By Erica Faber – Technical Manager
As we progress into Winter, newly planted trees may be showing some signs of stress with the colder, wetter weather as well as the development of flower buds. Nutrient uptake through the roots slows down as the soil temperatures become colder and the rate of transpiration decreases. Nutrient deficiencies may start becoming apparent due to this as well as the higher demand for certain nutrients at key phenological stages eg. flower development.
Yellowing and distortion of leaves may be notable. Blotchy or mottled interveinal yellowing and smaller, rounder cup shaped leaves are typical symptom of Zinc deficiency which may be noticed this time of year. Other trace elements that are in higher demand at this time of year are also Boron and Magnesium. Ensure that these trace elements are part of your foliar fertiliser program. Bud-Wiser is an example of a foliar product that delivers Zinc, Boron and Magnesium and can be incorporated into your program depending on compatibility with the other products you are spraying.
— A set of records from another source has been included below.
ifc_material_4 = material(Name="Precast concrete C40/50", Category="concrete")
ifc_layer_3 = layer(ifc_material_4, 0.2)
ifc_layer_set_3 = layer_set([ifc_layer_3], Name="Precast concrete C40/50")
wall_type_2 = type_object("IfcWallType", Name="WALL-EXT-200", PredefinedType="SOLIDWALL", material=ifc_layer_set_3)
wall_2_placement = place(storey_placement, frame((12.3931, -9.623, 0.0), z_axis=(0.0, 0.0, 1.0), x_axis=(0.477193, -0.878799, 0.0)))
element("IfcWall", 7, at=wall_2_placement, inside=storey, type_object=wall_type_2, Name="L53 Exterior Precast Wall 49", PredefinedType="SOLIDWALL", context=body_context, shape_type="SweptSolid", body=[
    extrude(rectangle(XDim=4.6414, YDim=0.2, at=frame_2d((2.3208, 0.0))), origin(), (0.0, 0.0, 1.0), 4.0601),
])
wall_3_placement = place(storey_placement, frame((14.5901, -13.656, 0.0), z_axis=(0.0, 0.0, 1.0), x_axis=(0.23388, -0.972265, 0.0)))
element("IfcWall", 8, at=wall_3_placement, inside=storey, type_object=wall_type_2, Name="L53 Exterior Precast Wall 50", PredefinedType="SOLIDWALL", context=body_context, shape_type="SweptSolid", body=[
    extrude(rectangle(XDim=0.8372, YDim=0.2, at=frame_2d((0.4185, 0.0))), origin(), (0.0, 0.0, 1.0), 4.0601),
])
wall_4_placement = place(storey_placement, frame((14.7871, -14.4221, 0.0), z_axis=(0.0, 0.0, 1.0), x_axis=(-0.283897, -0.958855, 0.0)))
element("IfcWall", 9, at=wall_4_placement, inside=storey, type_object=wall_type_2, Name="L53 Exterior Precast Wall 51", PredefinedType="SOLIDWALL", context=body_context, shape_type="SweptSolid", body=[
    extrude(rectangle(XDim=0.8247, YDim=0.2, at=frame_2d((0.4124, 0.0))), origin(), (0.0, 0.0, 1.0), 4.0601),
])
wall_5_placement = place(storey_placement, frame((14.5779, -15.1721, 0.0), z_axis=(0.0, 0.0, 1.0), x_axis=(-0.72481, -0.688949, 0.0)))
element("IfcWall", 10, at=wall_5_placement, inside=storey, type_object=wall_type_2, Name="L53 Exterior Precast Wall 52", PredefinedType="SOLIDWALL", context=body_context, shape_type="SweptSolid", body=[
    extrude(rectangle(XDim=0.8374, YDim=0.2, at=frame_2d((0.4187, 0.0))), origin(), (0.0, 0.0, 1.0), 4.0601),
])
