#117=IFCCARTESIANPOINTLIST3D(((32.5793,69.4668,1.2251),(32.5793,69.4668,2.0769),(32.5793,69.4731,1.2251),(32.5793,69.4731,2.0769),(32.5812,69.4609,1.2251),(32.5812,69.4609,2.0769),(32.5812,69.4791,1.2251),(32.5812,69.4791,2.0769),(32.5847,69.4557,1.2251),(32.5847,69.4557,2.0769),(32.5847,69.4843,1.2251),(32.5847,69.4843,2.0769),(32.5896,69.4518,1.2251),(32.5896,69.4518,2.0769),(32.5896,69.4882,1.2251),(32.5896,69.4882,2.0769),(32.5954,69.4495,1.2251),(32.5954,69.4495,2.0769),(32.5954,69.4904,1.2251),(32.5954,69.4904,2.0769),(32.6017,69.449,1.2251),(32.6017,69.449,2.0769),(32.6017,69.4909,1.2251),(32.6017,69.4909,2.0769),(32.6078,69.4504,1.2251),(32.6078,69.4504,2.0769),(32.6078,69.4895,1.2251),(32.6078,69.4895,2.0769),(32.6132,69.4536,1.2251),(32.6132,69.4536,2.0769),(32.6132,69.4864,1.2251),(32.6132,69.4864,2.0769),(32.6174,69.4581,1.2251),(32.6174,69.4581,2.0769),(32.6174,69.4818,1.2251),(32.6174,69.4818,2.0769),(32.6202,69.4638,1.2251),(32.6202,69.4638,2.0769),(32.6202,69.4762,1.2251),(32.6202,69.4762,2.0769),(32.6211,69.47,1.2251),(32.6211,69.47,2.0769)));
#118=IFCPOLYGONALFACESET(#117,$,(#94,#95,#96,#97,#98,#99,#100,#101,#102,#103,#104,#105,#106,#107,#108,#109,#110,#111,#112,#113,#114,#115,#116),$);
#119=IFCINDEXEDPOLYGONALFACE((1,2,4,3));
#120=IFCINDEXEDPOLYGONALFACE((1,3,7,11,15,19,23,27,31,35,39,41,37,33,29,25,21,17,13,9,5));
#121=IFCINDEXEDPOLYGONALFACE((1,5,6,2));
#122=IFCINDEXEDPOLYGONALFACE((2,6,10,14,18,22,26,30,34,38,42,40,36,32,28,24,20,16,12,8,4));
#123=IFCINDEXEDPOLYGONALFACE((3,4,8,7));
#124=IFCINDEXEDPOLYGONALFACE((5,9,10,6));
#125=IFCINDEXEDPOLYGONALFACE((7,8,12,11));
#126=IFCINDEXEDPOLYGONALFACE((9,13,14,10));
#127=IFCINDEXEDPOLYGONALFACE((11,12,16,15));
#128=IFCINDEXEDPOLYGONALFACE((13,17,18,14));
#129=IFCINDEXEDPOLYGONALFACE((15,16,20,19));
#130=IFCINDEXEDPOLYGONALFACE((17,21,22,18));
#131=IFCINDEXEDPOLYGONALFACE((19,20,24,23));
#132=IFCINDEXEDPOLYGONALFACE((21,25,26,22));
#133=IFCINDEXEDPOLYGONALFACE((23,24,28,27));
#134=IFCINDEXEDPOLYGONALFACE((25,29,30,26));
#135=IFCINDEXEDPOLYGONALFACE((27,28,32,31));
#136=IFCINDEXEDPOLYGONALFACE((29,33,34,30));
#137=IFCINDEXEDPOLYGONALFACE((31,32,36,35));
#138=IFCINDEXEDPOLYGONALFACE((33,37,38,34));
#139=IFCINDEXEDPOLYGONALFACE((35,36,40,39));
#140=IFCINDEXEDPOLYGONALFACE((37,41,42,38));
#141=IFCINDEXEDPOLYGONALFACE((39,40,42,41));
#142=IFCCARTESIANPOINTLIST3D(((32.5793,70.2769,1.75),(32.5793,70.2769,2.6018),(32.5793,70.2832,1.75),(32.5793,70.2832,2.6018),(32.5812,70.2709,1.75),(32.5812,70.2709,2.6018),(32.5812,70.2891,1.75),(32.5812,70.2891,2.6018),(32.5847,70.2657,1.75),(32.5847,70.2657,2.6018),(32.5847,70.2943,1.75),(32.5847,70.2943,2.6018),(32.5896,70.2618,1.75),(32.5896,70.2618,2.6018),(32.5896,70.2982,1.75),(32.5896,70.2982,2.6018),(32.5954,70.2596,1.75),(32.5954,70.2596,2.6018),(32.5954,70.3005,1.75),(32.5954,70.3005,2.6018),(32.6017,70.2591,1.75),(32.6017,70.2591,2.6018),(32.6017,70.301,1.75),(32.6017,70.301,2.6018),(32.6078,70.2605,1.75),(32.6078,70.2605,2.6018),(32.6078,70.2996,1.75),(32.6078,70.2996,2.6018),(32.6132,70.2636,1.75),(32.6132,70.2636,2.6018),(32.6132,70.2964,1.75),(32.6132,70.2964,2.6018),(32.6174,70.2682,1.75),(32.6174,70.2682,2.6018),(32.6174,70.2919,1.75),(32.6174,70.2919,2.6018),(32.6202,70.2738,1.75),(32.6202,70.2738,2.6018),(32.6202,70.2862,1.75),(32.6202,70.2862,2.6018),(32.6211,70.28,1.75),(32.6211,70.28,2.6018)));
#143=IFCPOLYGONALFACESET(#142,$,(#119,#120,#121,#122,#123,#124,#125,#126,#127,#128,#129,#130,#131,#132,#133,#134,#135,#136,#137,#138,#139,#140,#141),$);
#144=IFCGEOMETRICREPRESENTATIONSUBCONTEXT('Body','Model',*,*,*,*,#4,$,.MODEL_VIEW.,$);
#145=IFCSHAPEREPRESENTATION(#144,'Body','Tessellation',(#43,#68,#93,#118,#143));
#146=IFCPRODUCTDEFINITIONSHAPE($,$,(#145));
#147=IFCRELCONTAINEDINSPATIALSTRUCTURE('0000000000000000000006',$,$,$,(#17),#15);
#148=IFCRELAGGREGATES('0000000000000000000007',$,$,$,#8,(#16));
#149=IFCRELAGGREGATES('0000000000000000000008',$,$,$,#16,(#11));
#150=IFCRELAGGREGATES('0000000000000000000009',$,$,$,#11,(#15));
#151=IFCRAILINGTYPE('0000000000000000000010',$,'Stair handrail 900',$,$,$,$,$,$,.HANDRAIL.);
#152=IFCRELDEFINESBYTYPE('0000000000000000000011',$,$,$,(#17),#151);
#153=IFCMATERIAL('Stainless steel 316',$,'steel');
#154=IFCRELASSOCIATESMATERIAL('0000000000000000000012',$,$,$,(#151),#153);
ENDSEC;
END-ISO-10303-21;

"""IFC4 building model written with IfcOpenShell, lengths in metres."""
Leaf showing sign of Zinc deficiency.
Leaf showing sign of Magnesium deficiency.
Leaf showing sign of Boron deficiency.
Root health may also be affected due to the increase in soil moisture and with it the increase in pressure of Phytophthora Root Rot. A preventative programme throughout the winter months is advisable alongside a program to increase soil fertility and microbe diversity which also act to reduce the incidence of Phytophthora cinnamomi. Aliette can be added to your foliar sprays which is a product more suited to the sensitive young trees than Phosphoric acid. This of course will only be effective if there is enough leaf to take up the chemical. Should your young trees be a bit sparse with regard to leaf cover, then soil drenches can be applied. Ridomil or Terracin (a natural biocide) can be used. Remember to follow up either of these products with Mycorrcin to help stimulate beneficial soil microbes. A good layer of coarse mulch also helps to encourage healthier root growth and supports a wider diversity of microbes. Symptoms of Phytophthora are pale, narrow leaves and necrotic roots.
Young tree showing sign of Phytophthora Root Root.
Stressed trees may also experience leaf drop or tip dieback. If you are concerned about any secondary fungal infection then a dual contact and systemic fungicide can be included with your foliar spray programme.